‘Is that so? Next you’ll be telling me you believe in love at first sight.’
‘It happens.’
‘But of course you would have to say that, in your line of work. You want people to get married; you don’t actually care if they stay married.’
Sophie turned for the door. ‘Look, I’m leaving. I don’t have to put up with this.’
But he was already there in front of her, blocking her exit, and again she was struck by the way he moved with such effortless grace for such a powerfully built man. But it was what he was doing to her internal thermostat that concerned her more. Again he’d tripped some switch that sent her body from frigid to simmering in an instant. Her skin prickled with heat, her nerve endings tingled with awareness and it was only the portfolio clutched in her folded arms that concealed her rock-hard nipples.
It was in his eyes, she realised as he stared down at her. In his dark, challenging eyes that could suddenly turn from cold and flat to molten pools that radiated their heat to hers and then downwards to her very extremities. Eyes that were telling her things that made no sense, yet still her toes curled in her shoes.
Then he smiled and reached out a hand, running the backs of his fingers down her cheek so gently that she trembled under his electric touch. It was like being in a bubble where the room had shrunk to a tiny space around them, where even her peripheral vision had shrunk to fit no more than his broad shoulders. ‘If I said to you right now “marry me”, would you say yes?’
His voice seemed to come from a long, long way away, while his thumb stroked her chin; her lips parted on a sigh. ‘Mr Caruana…’ She swallowed, her thoughts scrambled. She was supposed to be leaving. She was sure she’d been about to leave. They’d been arguing. But what about?
‘Daniel,’ he said, his voice like the darkest chocolate, smooth, rich and forbidden. ‘Enough with the “Mr Caruana”. Call me Daniel. And I shall call you Sophie.’
‘Mr Caruana,’ she attempted again. ‘Daniel.’ She licked her lips. The name felt way too informal, tasted almost intimate, or was that just the way his eyes seemed to spark and flare as he watched her mouth his name? As he watched her lips taste the sound as hungrily as she’d watched his lips utter her name?
He was closer, his hand at her neck, drawing her towards him, towards his mouth. ‘What would your answer be?’
There was a point to all this, she recognised that much, if only she could tell what it was. But in air spiced with his musky, masculine scent she couldn’t make sense of what he was asking, only on some fundamental level that it shouldn’t be happening. She held onto the thread of logic, clung to it, even when his lips brushed over hers and then returned for another pass just as feather-light as the first. Just as earth shattering.
She trembled under the silken assault, her knees almost buckling beneath her as he drew her closer until her folded arms met his chest, the folded arms protecting the folder she clung to like a shield, reminding her why she was here.
And it wasn’t to allow herself to be seduced by the man who opposed his sister’s marriage! She freed one hand and pushed against the hard wall of his chest, trying not to think about how good his hard flesh felt under her fingers even as the fingers deep in her hair attempted to steer her still closer.

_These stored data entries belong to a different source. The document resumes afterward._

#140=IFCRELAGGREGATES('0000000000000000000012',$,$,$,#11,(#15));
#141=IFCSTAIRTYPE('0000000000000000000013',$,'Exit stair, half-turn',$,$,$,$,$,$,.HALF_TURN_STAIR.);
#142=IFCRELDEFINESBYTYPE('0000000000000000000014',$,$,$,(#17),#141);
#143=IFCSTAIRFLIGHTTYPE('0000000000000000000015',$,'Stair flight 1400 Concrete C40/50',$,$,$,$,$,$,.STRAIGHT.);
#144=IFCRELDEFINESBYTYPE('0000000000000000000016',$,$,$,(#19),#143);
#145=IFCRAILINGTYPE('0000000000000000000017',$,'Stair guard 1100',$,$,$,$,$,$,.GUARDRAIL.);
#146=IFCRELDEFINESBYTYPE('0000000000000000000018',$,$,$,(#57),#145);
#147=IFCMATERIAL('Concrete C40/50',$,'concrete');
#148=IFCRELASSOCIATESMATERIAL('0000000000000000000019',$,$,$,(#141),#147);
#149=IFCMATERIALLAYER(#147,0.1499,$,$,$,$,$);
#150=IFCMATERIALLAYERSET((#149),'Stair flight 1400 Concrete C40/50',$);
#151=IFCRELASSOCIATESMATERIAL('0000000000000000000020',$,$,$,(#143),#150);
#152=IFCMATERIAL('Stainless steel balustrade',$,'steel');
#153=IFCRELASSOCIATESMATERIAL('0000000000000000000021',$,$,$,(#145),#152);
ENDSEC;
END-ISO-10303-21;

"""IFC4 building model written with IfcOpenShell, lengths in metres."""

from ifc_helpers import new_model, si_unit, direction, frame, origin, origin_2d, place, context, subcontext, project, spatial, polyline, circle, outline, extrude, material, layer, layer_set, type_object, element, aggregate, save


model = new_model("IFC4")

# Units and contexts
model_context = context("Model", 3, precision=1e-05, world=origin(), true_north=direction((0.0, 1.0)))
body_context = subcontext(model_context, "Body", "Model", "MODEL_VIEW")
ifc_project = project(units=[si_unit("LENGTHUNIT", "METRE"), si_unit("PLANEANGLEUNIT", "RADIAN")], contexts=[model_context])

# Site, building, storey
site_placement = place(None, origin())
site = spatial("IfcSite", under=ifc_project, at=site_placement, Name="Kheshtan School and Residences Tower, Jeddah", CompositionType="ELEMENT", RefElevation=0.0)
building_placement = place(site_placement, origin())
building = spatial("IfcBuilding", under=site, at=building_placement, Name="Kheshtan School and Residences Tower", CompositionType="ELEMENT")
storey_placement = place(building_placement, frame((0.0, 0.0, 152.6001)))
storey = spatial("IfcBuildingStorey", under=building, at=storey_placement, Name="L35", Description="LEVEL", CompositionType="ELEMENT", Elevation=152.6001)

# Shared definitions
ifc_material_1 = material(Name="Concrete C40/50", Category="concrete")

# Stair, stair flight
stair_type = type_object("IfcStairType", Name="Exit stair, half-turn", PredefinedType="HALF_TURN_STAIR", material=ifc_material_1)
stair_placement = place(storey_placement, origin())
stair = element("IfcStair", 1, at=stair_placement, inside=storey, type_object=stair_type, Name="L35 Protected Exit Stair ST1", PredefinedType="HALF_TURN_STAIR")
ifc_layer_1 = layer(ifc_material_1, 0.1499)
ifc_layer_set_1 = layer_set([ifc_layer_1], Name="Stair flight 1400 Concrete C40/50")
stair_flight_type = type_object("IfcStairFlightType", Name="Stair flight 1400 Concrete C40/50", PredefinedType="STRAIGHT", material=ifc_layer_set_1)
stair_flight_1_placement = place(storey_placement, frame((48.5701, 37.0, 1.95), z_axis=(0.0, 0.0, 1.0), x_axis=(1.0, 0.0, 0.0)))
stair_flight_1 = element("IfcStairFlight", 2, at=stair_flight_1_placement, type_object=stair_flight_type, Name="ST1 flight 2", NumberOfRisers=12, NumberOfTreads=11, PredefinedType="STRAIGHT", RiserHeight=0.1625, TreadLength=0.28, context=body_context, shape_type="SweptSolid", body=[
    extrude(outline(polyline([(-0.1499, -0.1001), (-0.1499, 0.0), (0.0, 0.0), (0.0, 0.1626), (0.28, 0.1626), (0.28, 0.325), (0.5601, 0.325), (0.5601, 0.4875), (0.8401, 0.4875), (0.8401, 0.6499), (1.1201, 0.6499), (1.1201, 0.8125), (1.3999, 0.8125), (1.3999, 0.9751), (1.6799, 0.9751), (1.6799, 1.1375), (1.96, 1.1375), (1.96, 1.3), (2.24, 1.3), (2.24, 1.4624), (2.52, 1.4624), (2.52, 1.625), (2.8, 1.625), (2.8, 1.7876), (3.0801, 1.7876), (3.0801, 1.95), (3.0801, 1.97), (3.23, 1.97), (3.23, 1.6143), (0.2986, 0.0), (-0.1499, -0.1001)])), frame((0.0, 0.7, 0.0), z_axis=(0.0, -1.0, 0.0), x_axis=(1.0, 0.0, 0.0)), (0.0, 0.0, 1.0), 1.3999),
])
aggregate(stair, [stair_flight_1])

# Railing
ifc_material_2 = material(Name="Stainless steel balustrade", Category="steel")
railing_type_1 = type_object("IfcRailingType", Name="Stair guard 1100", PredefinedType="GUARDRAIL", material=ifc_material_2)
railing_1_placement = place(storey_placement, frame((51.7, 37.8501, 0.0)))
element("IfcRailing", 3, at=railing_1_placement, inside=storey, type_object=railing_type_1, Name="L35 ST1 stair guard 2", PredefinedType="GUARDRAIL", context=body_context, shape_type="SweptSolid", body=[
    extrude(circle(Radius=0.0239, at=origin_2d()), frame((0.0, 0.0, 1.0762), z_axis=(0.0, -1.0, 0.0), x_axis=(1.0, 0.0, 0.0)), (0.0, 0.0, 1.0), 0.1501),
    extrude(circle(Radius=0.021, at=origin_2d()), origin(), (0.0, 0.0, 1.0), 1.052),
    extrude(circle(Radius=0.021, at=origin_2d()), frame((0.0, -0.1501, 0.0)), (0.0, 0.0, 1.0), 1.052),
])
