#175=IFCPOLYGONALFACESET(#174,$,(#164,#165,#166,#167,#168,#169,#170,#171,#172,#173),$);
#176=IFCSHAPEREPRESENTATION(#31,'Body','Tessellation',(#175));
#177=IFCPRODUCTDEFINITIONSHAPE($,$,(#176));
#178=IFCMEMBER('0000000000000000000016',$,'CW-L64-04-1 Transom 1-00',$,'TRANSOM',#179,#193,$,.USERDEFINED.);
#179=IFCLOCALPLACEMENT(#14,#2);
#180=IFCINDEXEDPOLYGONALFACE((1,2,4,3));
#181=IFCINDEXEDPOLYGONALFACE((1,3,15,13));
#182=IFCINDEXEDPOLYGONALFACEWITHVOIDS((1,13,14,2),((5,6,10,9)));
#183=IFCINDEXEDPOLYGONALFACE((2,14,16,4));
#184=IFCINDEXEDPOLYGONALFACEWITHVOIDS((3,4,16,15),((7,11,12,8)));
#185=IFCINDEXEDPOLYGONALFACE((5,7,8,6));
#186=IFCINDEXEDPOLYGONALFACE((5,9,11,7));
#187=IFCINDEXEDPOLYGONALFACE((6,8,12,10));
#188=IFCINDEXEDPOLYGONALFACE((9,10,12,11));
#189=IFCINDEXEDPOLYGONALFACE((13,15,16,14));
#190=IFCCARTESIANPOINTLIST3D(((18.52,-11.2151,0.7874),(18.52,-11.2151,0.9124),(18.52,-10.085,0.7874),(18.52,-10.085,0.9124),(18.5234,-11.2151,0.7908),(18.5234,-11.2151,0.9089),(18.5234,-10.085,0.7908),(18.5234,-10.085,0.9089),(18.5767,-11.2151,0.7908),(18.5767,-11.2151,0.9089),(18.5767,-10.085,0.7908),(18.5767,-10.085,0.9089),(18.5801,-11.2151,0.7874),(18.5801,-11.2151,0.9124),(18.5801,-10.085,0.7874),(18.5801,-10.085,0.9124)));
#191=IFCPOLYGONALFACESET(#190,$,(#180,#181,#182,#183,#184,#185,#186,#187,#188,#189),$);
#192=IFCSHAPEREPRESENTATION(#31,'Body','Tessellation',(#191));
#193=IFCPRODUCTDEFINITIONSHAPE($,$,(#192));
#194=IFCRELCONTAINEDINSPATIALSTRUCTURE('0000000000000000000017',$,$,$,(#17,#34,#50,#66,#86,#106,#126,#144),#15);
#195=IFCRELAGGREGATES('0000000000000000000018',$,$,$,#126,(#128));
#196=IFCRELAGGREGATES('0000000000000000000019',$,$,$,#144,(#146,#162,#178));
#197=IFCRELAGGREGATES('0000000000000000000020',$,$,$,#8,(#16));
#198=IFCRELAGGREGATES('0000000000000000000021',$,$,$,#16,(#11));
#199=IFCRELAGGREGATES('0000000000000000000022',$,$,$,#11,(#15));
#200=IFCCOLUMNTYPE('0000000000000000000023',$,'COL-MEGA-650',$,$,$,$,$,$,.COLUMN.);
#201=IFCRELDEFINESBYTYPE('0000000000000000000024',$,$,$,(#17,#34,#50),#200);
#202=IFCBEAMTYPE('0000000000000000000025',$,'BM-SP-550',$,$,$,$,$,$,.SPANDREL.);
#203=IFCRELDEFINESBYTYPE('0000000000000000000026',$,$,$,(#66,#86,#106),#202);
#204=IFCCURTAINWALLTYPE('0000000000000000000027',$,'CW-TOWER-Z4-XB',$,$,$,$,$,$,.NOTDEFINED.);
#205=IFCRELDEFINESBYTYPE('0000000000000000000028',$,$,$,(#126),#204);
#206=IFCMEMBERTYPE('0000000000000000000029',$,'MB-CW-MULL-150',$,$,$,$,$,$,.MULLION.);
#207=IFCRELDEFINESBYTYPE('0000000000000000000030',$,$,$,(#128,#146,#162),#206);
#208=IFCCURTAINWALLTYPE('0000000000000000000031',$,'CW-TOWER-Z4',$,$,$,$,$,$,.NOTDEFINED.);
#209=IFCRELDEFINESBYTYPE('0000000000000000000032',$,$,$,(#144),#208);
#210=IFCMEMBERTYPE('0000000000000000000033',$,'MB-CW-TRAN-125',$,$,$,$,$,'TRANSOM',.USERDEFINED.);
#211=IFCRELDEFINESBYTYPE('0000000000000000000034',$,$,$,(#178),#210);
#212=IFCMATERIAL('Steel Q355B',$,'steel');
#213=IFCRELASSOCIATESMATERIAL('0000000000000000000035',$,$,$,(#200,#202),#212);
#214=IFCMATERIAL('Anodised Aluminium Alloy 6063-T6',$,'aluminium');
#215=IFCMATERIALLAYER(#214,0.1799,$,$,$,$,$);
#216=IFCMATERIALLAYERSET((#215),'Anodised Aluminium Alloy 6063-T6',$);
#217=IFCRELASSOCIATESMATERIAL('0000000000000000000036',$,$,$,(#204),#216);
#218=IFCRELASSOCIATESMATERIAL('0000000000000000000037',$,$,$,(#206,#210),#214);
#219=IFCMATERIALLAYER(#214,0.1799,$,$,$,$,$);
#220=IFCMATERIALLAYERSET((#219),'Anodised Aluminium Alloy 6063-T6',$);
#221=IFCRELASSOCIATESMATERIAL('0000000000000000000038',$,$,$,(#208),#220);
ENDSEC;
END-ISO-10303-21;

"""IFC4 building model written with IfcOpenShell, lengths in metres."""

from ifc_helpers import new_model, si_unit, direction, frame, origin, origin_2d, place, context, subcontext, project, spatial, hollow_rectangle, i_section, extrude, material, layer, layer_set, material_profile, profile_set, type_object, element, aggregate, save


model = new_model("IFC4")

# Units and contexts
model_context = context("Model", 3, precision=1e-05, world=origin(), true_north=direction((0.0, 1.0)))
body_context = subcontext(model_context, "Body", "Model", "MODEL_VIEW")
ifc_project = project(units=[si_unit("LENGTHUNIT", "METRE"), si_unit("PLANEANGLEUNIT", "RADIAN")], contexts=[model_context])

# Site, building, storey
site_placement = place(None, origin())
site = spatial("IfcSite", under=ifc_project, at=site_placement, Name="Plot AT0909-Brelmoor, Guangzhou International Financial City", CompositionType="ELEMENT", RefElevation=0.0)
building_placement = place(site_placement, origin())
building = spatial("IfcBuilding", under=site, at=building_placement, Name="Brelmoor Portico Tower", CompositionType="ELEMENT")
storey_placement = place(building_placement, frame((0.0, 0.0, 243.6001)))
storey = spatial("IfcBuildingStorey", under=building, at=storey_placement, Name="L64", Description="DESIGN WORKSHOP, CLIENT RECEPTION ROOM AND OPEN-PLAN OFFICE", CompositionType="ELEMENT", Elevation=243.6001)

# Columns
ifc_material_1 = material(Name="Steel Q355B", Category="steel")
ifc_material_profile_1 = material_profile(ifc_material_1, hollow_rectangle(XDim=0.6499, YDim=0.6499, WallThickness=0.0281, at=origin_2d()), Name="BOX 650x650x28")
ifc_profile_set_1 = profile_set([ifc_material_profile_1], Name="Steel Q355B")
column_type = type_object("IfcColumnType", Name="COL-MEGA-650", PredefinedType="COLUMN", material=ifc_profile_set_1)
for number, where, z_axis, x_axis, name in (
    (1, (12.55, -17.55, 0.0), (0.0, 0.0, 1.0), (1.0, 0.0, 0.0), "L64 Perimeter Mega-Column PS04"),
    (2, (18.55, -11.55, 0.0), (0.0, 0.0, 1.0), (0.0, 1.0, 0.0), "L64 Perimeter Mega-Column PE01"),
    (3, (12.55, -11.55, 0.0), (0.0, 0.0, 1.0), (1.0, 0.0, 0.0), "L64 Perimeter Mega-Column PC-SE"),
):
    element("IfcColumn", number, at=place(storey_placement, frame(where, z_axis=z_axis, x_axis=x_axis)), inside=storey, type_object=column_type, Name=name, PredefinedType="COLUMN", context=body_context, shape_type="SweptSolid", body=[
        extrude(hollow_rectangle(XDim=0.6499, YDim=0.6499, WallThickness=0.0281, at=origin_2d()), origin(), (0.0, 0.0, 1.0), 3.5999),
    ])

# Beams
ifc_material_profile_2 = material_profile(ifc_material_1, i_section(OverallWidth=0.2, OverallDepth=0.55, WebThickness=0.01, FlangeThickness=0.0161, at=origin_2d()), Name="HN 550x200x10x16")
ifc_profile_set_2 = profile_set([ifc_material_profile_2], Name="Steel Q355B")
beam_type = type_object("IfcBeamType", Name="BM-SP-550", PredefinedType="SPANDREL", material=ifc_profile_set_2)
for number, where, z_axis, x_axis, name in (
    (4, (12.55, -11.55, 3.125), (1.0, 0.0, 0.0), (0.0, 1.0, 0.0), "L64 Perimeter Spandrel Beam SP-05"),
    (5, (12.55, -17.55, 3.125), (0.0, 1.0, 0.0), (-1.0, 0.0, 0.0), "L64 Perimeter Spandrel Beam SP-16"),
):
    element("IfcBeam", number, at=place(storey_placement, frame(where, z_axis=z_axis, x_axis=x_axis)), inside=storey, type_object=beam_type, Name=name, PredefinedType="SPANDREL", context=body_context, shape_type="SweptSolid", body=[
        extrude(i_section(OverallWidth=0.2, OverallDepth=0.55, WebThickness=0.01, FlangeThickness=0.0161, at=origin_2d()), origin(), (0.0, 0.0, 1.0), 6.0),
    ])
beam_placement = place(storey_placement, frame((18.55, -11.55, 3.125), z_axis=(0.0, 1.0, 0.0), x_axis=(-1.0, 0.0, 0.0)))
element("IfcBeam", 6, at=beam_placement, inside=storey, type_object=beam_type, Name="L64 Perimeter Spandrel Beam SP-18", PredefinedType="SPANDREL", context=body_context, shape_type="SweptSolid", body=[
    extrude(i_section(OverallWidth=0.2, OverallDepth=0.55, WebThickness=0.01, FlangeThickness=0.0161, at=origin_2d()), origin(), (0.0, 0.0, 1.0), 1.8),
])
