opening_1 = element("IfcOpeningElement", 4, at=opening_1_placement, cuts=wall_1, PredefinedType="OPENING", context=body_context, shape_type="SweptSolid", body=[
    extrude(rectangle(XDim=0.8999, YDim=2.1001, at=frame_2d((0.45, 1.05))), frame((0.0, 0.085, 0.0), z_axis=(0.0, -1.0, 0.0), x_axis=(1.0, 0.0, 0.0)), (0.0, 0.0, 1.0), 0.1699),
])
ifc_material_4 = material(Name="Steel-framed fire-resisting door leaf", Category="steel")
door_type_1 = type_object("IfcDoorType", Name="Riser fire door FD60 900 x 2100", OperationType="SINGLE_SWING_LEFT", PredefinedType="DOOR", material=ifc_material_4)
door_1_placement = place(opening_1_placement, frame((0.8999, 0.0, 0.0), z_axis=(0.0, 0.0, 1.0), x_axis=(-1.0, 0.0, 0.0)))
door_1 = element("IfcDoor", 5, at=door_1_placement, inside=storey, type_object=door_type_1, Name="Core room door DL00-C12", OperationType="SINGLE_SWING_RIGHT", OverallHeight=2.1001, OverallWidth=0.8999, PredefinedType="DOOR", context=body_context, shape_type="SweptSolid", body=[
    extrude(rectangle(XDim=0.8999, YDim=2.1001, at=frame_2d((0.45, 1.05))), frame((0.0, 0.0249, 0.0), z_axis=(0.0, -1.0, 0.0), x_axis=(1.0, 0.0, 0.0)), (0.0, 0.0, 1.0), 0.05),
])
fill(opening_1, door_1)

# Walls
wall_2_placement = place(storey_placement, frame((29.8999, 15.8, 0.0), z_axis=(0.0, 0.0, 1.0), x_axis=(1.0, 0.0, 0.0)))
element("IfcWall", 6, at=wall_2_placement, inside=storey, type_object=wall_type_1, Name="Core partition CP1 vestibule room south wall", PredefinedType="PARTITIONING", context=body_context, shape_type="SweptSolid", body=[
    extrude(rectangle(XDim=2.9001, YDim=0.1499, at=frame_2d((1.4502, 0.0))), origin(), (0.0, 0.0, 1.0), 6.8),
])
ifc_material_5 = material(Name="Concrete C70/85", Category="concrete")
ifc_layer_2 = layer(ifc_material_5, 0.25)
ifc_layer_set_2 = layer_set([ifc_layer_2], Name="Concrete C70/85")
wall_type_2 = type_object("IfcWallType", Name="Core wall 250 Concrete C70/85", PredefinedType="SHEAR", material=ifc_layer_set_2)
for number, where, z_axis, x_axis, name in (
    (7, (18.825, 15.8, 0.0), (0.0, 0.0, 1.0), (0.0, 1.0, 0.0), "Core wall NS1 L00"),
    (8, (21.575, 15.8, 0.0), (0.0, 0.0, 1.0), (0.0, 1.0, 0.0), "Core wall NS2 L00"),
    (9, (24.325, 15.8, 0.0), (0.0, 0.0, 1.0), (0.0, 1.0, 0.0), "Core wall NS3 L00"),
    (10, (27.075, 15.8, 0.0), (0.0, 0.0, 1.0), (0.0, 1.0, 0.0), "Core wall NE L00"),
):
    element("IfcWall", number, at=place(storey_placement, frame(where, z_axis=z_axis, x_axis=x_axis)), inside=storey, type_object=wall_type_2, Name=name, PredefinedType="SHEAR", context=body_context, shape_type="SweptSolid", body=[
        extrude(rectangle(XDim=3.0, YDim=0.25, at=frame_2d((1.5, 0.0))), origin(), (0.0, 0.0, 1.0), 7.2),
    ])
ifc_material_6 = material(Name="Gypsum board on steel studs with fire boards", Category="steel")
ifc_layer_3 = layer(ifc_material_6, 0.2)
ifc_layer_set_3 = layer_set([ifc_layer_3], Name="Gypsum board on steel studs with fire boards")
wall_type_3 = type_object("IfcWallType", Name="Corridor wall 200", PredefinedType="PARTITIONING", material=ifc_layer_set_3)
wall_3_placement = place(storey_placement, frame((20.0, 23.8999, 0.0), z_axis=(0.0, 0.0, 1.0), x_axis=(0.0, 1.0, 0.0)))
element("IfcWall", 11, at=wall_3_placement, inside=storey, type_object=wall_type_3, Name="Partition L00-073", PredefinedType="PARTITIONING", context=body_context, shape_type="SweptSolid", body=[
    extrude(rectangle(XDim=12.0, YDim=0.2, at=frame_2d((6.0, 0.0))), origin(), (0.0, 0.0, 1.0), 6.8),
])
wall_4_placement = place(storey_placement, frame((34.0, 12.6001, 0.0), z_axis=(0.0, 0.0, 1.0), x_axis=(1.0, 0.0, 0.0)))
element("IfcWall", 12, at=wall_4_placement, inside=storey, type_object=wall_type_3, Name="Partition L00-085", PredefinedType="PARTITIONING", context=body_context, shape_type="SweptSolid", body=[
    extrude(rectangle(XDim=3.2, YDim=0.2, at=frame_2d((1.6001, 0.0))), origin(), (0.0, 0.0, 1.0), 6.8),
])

Sophie turned her head aside, felt the brush of his warm breath on her cheek this time. ‘Mr Caruana,’ she pleaded, needing the formality to put distance between them. ‘This is ridiculous. We barely know each other.’
His hands were gone from her as he wheeled away and cold air rushed to fill the places he’d been. ‘Exactly my point,’ he said, sounding angry, his back to her as he gazed out at the view, raking the fingers of both hands through his hair. ‘We hardly know each other. And yet you seem to think it’s perfectly reasonable for my sister to marry someone she’s known barely a month.’
‘So maybe Jake didn’t maul her the first time they met.’
His shoulders stiffened before he turned and already she regretted her hasty words, even before she’d seen the potent depths of his eyes. ‘Believe me, if I’d have mauled you I would have left the marks to prove it.’
A quake shuddered through her bones and she had to muster every last crumb of control she could to hide it. He’d touched her with a caress as soft as silk, and that had been enough to leave its mark, so how much more delicious would it be to feel the full brunt of his passion?
Oh yes, she believed him. Which was why now, more than ever, she had to get out of here. She was supposed to be a professional wedding planner, and professionals didn’t get involved with family members of people whose weddings they were arranging, even when the groom was your brother. Especially when the groom was your brother. ‘Like I said, I have to go.’